I mentioned the importance of planning clothing and shoes. Most ultra runners out there will also be bringing along some technology – watch, headphones, heart rate monitor, headlamp, cell phone, emergency beacon are all possible. Decide what’s coming with you, and make sure it’s charged, files are loaded, and you know how to use it.
For my event on Sunday, I’m just planning on carrying my watch and headphones. I have done plenty of races without a watch, and there’s an argument to be made for that, but I’m addicted to Strava. I need my stats.
I have made a considerable investment in my watch, a Garmin Fenix 6 Pro, because it offers functionalities that I really value. I can load a route of the course, and receive turn by turn directions. This gives me an enormous amount of confidence that I won’t be wasting time or mental energy wondering if I’m going the right way, if I missed a turn, if that arrow was pointing hard left or slightly left. Confidence is priceless. I can also load music and podcasts. I like saving music for the last hour or two of a long event, when I need a boost and a distraction. This watch gives me navigation and entertainment without having to bring my smartphone. I connect my wireless, bone-conducting Bluetooth headphones, give thanks for the fact that we live in the future, and I’m on my way.
5. Trust your training
I have no shortage of reasons to doubt myself when it comes to racing this weekend: I caught a really bad flu last week (not Covid, according to multiple tests, including a PCR), my hamstrings are still bothering me during long runs, I haven’t been able to run the volume I normally would, I’ve had some lower back pain, I’m over the 45 year old hill now, my diet hasn’t been perfect, etc.

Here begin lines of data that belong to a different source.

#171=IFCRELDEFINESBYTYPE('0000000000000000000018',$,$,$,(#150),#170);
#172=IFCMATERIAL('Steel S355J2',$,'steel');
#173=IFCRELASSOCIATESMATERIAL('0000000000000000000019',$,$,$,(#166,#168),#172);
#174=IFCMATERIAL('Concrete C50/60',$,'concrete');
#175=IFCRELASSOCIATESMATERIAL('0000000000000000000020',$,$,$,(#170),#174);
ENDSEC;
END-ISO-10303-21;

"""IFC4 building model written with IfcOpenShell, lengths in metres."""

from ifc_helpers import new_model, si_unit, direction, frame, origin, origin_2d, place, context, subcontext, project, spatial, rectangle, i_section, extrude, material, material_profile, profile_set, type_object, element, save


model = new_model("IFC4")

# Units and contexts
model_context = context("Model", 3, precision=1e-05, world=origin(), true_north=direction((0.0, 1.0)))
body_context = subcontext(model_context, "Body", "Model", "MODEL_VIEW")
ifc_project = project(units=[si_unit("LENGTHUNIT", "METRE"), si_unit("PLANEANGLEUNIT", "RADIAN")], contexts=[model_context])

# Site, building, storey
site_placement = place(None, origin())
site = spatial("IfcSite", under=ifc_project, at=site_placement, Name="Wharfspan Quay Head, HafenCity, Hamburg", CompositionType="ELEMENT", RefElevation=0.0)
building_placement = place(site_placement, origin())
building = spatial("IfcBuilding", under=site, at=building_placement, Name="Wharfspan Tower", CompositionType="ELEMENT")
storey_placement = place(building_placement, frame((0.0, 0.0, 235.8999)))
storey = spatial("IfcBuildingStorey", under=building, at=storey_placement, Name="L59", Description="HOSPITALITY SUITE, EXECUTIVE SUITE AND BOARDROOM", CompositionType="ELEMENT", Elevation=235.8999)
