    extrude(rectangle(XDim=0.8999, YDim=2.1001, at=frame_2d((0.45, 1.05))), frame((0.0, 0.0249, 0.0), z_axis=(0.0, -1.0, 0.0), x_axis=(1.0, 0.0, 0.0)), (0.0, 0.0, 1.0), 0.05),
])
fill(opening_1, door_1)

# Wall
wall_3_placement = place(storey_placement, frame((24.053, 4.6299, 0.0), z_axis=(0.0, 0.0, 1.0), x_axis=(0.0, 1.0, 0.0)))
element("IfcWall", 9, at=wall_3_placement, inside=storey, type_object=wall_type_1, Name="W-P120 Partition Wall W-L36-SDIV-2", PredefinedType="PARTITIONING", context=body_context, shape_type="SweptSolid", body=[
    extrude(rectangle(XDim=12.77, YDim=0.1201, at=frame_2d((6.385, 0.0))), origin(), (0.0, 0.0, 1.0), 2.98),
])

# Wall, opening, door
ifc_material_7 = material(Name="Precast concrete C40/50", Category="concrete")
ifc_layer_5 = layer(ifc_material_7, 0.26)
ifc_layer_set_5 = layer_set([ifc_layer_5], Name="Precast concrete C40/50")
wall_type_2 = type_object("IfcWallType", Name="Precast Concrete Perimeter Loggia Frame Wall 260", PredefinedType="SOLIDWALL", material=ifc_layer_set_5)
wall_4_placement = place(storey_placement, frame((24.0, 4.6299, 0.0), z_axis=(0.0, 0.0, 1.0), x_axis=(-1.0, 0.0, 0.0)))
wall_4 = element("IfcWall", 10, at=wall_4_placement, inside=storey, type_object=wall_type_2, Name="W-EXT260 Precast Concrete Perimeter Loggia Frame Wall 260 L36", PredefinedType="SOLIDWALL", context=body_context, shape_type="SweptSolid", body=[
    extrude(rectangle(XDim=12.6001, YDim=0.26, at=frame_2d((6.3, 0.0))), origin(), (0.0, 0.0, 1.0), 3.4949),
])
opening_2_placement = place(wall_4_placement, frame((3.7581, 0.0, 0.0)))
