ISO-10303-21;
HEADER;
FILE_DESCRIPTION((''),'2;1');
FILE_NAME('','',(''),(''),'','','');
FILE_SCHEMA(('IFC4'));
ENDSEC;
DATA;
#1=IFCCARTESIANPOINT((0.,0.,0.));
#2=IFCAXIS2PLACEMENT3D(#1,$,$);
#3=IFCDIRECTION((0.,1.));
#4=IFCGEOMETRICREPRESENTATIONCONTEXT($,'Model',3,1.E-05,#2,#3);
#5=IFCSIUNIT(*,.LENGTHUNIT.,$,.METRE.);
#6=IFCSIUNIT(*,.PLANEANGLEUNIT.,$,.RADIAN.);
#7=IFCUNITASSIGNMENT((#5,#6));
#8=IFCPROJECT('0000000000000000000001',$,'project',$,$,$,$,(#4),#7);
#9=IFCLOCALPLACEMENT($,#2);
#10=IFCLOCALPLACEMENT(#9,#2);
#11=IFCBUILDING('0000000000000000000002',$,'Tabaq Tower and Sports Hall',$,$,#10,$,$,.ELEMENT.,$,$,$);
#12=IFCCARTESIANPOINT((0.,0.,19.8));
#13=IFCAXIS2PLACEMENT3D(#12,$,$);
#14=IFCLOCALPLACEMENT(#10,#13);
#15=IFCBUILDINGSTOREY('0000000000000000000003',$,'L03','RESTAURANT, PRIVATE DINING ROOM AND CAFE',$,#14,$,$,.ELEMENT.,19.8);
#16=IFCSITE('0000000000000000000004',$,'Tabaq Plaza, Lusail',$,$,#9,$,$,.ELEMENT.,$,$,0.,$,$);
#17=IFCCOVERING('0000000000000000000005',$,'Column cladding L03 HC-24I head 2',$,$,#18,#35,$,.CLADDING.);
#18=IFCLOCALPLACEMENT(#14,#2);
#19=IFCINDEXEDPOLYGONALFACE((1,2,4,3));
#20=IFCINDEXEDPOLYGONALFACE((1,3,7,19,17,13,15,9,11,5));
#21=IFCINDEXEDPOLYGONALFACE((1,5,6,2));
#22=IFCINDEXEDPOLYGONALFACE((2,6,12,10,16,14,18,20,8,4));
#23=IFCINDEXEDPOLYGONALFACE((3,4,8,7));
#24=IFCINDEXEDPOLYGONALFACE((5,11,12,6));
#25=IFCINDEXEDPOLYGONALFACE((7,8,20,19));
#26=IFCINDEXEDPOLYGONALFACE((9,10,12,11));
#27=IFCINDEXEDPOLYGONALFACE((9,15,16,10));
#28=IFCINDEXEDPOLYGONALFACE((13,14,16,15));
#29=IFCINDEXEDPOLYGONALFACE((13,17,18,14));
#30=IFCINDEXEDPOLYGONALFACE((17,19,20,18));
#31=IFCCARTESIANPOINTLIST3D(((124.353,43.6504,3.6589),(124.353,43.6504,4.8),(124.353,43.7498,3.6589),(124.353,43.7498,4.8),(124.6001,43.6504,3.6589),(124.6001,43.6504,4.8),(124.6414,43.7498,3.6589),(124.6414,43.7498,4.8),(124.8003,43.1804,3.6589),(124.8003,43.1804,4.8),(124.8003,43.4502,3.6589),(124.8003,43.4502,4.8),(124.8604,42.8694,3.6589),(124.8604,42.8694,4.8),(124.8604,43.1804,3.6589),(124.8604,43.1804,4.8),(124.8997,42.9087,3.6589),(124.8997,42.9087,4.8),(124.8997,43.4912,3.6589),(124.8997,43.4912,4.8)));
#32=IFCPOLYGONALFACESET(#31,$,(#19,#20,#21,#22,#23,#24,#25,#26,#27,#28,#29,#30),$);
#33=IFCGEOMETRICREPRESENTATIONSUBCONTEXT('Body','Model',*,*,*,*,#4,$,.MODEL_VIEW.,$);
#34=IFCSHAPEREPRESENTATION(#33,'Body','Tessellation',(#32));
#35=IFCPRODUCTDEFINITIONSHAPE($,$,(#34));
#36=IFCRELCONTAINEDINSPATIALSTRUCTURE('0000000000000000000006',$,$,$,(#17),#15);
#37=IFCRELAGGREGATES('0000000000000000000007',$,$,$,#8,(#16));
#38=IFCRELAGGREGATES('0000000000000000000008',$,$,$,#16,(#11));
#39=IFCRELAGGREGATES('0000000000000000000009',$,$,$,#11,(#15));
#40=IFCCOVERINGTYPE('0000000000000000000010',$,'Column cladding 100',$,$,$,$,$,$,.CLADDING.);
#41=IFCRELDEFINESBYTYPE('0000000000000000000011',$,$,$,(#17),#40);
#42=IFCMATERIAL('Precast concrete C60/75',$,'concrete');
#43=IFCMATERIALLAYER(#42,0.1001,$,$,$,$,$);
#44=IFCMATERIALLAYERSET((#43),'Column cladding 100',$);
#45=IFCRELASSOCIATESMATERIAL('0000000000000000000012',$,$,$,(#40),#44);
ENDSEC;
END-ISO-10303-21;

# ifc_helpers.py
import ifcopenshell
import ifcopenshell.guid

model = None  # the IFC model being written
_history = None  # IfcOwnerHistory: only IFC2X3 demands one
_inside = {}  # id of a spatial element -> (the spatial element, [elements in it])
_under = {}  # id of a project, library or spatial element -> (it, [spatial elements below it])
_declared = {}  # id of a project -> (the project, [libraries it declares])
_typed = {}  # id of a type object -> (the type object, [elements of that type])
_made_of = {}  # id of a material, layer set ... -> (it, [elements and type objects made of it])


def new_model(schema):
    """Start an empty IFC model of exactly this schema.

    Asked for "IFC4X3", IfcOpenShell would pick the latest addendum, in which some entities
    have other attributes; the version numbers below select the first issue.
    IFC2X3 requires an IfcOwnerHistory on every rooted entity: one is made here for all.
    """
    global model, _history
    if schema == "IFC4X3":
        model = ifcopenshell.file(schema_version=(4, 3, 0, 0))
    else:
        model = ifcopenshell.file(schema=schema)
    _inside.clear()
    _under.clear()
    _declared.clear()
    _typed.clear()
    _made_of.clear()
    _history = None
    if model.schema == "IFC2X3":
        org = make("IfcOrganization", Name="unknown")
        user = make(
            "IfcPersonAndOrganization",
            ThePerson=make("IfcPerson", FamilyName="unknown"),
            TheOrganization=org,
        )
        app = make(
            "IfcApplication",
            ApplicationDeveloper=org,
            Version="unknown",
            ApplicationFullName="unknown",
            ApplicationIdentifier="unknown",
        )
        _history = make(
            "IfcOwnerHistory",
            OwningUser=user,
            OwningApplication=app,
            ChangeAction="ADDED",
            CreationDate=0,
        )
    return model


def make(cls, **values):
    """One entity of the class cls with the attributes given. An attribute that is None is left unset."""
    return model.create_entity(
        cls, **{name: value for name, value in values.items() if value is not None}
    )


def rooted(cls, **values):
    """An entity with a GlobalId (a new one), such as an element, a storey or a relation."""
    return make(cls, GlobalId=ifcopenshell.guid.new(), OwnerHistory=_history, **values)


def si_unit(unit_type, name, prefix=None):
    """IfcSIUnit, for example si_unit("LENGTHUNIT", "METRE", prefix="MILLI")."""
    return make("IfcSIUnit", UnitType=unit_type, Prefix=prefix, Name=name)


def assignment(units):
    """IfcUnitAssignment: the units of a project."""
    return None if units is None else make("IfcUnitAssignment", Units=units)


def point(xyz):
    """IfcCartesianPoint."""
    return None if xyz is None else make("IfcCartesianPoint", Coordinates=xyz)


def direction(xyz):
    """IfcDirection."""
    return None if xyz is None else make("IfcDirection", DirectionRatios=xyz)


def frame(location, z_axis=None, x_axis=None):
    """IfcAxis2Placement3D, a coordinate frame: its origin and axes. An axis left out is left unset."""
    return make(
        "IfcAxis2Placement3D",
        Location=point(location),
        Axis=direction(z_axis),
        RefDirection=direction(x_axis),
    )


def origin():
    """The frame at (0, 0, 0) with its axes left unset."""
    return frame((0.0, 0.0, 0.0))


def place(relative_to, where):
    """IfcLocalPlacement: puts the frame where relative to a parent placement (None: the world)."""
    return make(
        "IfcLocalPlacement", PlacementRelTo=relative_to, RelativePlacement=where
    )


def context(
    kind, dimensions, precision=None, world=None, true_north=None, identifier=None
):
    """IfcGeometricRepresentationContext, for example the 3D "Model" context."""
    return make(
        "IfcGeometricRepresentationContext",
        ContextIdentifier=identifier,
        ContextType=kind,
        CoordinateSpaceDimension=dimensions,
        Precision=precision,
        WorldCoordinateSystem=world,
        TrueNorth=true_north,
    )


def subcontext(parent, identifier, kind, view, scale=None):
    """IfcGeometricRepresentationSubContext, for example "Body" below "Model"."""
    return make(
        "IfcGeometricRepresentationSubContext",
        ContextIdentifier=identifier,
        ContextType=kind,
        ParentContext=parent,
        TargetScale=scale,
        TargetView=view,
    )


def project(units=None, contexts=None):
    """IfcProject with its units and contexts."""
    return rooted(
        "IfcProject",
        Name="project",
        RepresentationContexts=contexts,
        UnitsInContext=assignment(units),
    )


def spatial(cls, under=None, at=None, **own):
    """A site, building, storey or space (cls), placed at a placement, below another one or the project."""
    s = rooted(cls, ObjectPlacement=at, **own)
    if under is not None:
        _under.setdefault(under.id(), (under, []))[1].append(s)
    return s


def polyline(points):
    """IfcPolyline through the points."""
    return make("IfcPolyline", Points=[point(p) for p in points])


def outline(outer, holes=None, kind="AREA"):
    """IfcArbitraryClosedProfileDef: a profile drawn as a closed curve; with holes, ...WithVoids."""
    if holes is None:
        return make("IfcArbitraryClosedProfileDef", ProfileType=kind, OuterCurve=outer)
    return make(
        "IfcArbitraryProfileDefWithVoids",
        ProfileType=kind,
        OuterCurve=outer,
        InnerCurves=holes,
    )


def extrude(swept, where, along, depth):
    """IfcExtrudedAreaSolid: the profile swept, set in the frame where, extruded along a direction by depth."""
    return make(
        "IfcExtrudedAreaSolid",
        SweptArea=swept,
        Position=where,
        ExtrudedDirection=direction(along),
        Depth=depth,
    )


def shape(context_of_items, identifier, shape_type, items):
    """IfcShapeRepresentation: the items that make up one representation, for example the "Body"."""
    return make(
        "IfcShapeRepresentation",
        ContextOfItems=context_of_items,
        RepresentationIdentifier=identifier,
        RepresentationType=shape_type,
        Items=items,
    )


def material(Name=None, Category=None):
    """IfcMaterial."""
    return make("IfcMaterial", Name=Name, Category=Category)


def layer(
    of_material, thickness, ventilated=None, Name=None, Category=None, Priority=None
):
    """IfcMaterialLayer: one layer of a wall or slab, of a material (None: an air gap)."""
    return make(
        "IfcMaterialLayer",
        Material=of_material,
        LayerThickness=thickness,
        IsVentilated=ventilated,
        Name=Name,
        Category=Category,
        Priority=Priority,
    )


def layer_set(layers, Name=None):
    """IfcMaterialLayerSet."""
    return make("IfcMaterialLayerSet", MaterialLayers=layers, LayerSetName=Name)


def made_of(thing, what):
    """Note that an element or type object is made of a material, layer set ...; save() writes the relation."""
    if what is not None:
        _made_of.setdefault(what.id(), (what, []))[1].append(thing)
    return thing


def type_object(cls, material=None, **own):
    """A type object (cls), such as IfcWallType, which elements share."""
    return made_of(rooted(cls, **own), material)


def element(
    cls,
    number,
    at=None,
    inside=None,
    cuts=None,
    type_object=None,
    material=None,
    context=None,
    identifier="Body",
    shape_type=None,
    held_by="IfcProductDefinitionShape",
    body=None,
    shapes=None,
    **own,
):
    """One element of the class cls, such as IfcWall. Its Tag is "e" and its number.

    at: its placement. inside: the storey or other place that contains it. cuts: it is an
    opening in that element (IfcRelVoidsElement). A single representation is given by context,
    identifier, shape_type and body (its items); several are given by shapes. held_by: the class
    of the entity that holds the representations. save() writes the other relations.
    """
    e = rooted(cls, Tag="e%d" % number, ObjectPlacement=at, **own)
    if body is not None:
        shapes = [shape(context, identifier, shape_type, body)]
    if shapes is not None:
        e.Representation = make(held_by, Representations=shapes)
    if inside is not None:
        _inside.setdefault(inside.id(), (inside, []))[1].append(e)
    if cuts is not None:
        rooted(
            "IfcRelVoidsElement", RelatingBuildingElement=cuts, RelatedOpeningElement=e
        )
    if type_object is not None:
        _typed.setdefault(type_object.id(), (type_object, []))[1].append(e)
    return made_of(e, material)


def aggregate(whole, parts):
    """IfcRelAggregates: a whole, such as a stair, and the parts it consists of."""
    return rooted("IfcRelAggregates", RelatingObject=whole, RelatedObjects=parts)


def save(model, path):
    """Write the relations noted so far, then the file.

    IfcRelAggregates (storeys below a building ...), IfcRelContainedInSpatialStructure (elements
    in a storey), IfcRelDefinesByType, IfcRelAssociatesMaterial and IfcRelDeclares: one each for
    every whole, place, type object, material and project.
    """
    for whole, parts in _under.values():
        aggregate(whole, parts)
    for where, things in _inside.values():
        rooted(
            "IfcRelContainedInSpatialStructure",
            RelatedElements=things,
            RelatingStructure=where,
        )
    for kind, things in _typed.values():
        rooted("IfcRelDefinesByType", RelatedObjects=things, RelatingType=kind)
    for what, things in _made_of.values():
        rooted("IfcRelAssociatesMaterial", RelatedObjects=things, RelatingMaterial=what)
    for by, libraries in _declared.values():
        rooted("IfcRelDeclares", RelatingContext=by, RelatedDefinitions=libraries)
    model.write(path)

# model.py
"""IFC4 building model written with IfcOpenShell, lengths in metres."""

from ifc_helpers import new_model, si_unit, direction, frame, origin, place, context, subcontext, project, spatial, polyline, outline, extrude, material, layer, layer_set, type_object, element, save


model = new_model("IFC4")

# Units and contexts
model_context = context("Model", 3, precision=1e-05, world=origin(), true_north=direction((0.0, 1.0)))
body_context = subcontext(model_context, "Body", "Model", "MODEL_VIEW")
ifc_project = project(units=[si_unit("LENGTHUNIT", "METRE"), si_unit("PLANEANGLEUNIT", "RADIAN")], contexts=[model_context])

# Site, building, storey
site_placement = place(None, origin())
site = spatial("IfcSite", under=ifc_project, at=site_placement, Name="Tabaq Plaza, Lusail", CompositionType="ELEMENT", RefElevation=0.0)
building_placement = place(site_placement, origin())
building = spatial("IfcBuilding", under=site, at=building_placement, Name="Tabaq Tower and Sports Hall", CompositionType="ELEMENT")
storey_placement = place(building_placement, frame((0.0, 0.0, 19.8)))
storey = spatial("IfcBuildingStorey", under=building, at=storey_placement, Name="L03", Description="RESTAURANT, PRIVATE DINING ROOM AND CAFE", CompositionType="ELEMENT", Elevation=19.8)

# Covering
ifc_material = material(Name="Precast concrete C60/75", Category="concrete")
ifc_layer = layer(ifc_material, 0.1001)
ifc_layer_set = layer_set([ifc_layer], Name="Column cladding 100")
covering_type = type_object("IfcCoveringType", Name="Column cladding 100", PredefinedType="CLADDING", material=ifc_layer_set)
covering_1_placement = place(storey_placement, frame((0.0, 0.0, 3.6589)))
element("IfcCovering", 1, at=covering_1_placement, inside=storey, type_object=covering_type, Name="Column cladding L03 HC-24I head 2", PredefinedType="CLADDING", context=body_context, shape_type="SweptSolid", body=[
    extrude(outline(polyline([(124.6414, 43.7498), (124.8997, 43.4912), (124.8997, 42.9087), (124.8604, 42.8694), (124.8604, 43.1804), (124.8003, 43.1804), (124.8003, 43.4502), (124.6001, 43.6504), (124.353, 43.6504), (124.353, 43.7498), (124.6414, 43.7498)])), origin(), (0.0, 0.0, 1.0), 1.1411),
])

save(model, "model.ifc")
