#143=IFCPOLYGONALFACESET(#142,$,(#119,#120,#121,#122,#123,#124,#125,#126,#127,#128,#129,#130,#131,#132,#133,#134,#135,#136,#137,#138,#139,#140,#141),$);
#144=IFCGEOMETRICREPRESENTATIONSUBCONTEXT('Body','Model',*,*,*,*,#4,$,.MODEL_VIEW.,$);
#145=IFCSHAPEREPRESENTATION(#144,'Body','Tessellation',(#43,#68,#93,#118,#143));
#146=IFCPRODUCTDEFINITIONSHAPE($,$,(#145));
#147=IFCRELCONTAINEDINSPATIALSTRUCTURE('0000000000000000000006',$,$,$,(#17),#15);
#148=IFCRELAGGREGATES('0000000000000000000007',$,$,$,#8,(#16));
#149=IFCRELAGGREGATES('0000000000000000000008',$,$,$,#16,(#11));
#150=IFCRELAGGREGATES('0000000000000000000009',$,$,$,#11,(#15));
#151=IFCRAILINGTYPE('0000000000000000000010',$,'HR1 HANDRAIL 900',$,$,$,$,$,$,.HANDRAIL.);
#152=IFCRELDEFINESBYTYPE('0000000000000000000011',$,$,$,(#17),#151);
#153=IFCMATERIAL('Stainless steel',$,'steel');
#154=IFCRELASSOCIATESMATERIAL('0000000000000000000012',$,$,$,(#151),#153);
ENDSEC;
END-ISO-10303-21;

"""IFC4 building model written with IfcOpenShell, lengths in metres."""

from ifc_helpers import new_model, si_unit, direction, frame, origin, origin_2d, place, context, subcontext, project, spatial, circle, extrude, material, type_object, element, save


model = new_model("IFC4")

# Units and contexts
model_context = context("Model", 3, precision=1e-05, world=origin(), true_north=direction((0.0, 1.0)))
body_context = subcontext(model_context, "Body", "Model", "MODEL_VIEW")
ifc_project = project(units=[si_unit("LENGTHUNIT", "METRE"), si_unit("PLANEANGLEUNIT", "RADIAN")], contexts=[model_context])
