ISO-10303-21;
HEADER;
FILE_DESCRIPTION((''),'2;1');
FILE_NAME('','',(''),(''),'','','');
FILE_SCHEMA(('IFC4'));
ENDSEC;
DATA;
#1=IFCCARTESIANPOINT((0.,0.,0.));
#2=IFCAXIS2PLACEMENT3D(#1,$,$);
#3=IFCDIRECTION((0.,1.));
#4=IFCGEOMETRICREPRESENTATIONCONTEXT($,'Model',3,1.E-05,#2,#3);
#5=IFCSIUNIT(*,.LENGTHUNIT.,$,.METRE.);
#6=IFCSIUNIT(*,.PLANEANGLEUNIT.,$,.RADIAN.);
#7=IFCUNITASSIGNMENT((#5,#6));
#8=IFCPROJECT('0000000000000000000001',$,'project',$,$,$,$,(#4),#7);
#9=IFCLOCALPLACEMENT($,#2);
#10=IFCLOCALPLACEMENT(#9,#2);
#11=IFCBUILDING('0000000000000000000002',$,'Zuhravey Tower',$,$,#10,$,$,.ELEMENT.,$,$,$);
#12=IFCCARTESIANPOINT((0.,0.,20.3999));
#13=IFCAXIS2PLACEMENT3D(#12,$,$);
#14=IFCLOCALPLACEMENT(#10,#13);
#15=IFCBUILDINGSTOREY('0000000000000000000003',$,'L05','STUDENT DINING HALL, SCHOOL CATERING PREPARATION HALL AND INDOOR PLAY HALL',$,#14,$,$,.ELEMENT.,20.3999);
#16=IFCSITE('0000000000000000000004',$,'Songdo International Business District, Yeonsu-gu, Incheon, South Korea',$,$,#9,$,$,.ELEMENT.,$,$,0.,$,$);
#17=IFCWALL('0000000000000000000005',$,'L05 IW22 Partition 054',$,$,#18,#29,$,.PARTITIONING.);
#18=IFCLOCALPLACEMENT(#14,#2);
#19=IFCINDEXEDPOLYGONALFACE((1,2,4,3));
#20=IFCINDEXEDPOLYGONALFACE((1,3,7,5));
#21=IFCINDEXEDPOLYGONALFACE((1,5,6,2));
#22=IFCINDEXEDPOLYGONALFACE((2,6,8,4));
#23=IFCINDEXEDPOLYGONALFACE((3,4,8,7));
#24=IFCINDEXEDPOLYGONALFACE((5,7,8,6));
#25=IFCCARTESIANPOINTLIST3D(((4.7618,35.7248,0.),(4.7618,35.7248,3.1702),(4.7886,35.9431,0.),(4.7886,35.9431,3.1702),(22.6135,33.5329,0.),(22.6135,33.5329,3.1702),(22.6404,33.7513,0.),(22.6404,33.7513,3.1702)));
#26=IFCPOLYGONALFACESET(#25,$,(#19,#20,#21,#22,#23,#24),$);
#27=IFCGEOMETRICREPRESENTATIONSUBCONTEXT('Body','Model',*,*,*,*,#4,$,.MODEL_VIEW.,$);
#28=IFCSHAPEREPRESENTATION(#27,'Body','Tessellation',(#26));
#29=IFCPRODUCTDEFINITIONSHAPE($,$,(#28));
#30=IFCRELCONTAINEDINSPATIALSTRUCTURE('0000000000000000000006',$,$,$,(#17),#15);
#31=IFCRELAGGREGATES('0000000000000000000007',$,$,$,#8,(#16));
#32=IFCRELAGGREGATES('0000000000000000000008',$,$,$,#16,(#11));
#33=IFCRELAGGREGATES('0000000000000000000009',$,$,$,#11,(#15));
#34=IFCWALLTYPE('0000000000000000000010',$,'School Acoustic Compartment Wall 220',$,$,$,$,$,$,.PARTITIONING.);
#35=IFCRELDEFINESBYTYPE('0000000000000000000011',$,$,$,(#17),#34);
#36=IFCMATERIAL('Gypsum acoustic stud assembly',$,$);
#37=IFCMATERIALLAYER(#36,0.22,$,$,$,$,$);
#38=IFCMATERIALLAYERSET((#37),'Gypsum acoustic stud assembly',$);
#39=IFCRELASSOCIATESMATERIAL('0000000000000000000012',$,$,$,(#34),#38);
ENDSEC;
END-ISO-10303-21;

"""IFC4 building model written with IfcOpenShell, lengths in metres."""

from ifc_helpers import new_model, si_unit, direction, frame, frame_2d, origin, place, context, subcontext, project, spatial, rectangle, extrude, material, layer, layer_set, type_object, element, save


model = new_model("IFC4")

# Units and contexts
model_context = context("Model", 3, precision=1e-05, world=origin(), true_north=direction((0.0, 1.0)))
body_context = subcontext(model_context, "Body", "Model", "MODEL_VIEW")
ifc_project = project(units=[si_unit("LENGTHUNIT", "METRE"), si_unit("PLANEANGLEUNIT", "RADIAN")], contexts=[model_context])

# Site, building, storey
site_placement = place(None, origin())
site = spatial("IfcSite", under=ifc_project, at=site_placement, Name="Songdo International Business District, Yeonsu-gu, Incheon, South Korea", CompositionType="ELEMENT", RefElevation=0.0)
building_placement = place(site_placement, origin())
building = spatial("IfcBuilding", under=site, at=building_placement, Name="Zuhravey Tower", CompositionType="ELEMENT")
storey_placement = place(building_placement, frame((0.0, 0.0, 20.3999)))
storey = spatial("IfcBuildingStorey", under=building, at=storey_placement, Name="L05", Description="STUDENT DINING HALL, SCHOOL CATERING PREPARATION HALL AND INDOOR PLAY HALL", CompositionType="ELEMENT", Elevation=20.3999)

# Wall
ifc_material_1 = material(Name="Gypsum acoustic stud assembly")
ifc_layer_1 = layer(ifc_material_1, 0.22)
ifc_layer_set_1 = layer_set([ifc_layer_1], Name="Gypsum acoustic stud assembly")
wall_type_1 = type_object("IfcWallType", Name="School Acoustic Compartment Wall 220", PredefinedType="PARTITIONING", material=ifc_layer_set_1)
wall_1_placement = place(storey_placement, frame((22.627, 33.6421, 0.0), z_axis=(0.0, 0.0, 1.0), x_axis=(-0.992546, 0.121868, 0.0)))
element("IfcWall", 1, at=wall_1_placement, inside=storey, type_object=wall_type_1, Name="L05 IW22 Partition 054", PredefinedType="PARTITIONING", context=body_context, shape_type="SweptSolid", body=[
    extrude(rectangle(XDim=17.9858, YDim=0.22, at=frame_2d((8.9929, 0.0))), origin(), (0.0, 0.0, 1.0), 3.1702),
])

save(model, "model.ifc")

Forget all that. What HAS gone right this year? Until a few weeks ago, my training was going really well, and I peaked with a couple of 50 mile running weeks. I already completed one ultra in April. In late May I did a block of back-to-back long runs of 29 miles and 26 miles. More often than not, my total training volume has been over 10 hours per week (counting cross training). Most importantly, I’ve been feeling good and seeing improvements.

So in the mental gymnastics during the last three weeks before race day, I’m going to focus on the positive. While I was planning on tapering before this event, I hadn’t planned on being bed-ridden for four days straight followed by a week of irritable coughing. Nonetheless, the hay is in the barn, as they say. What happened in the last two weeks is not the deciding factor in how I get around this course on Sunday.
While I am focusing on positive visualizations, I need to be realistic and listen to my body. If my heart rate is too high, or breathing is labored, if the effort is out of sync with the pace I’m putting out, I won’t hesitate to drop out. This isn’t a game and I have nothing to prove. I want to do this race for the love of the landscape, the place, the people out there, the community, the experience, the vision quest. But I’m not going to take any stupid risks or push the envelope if things don’t feel right.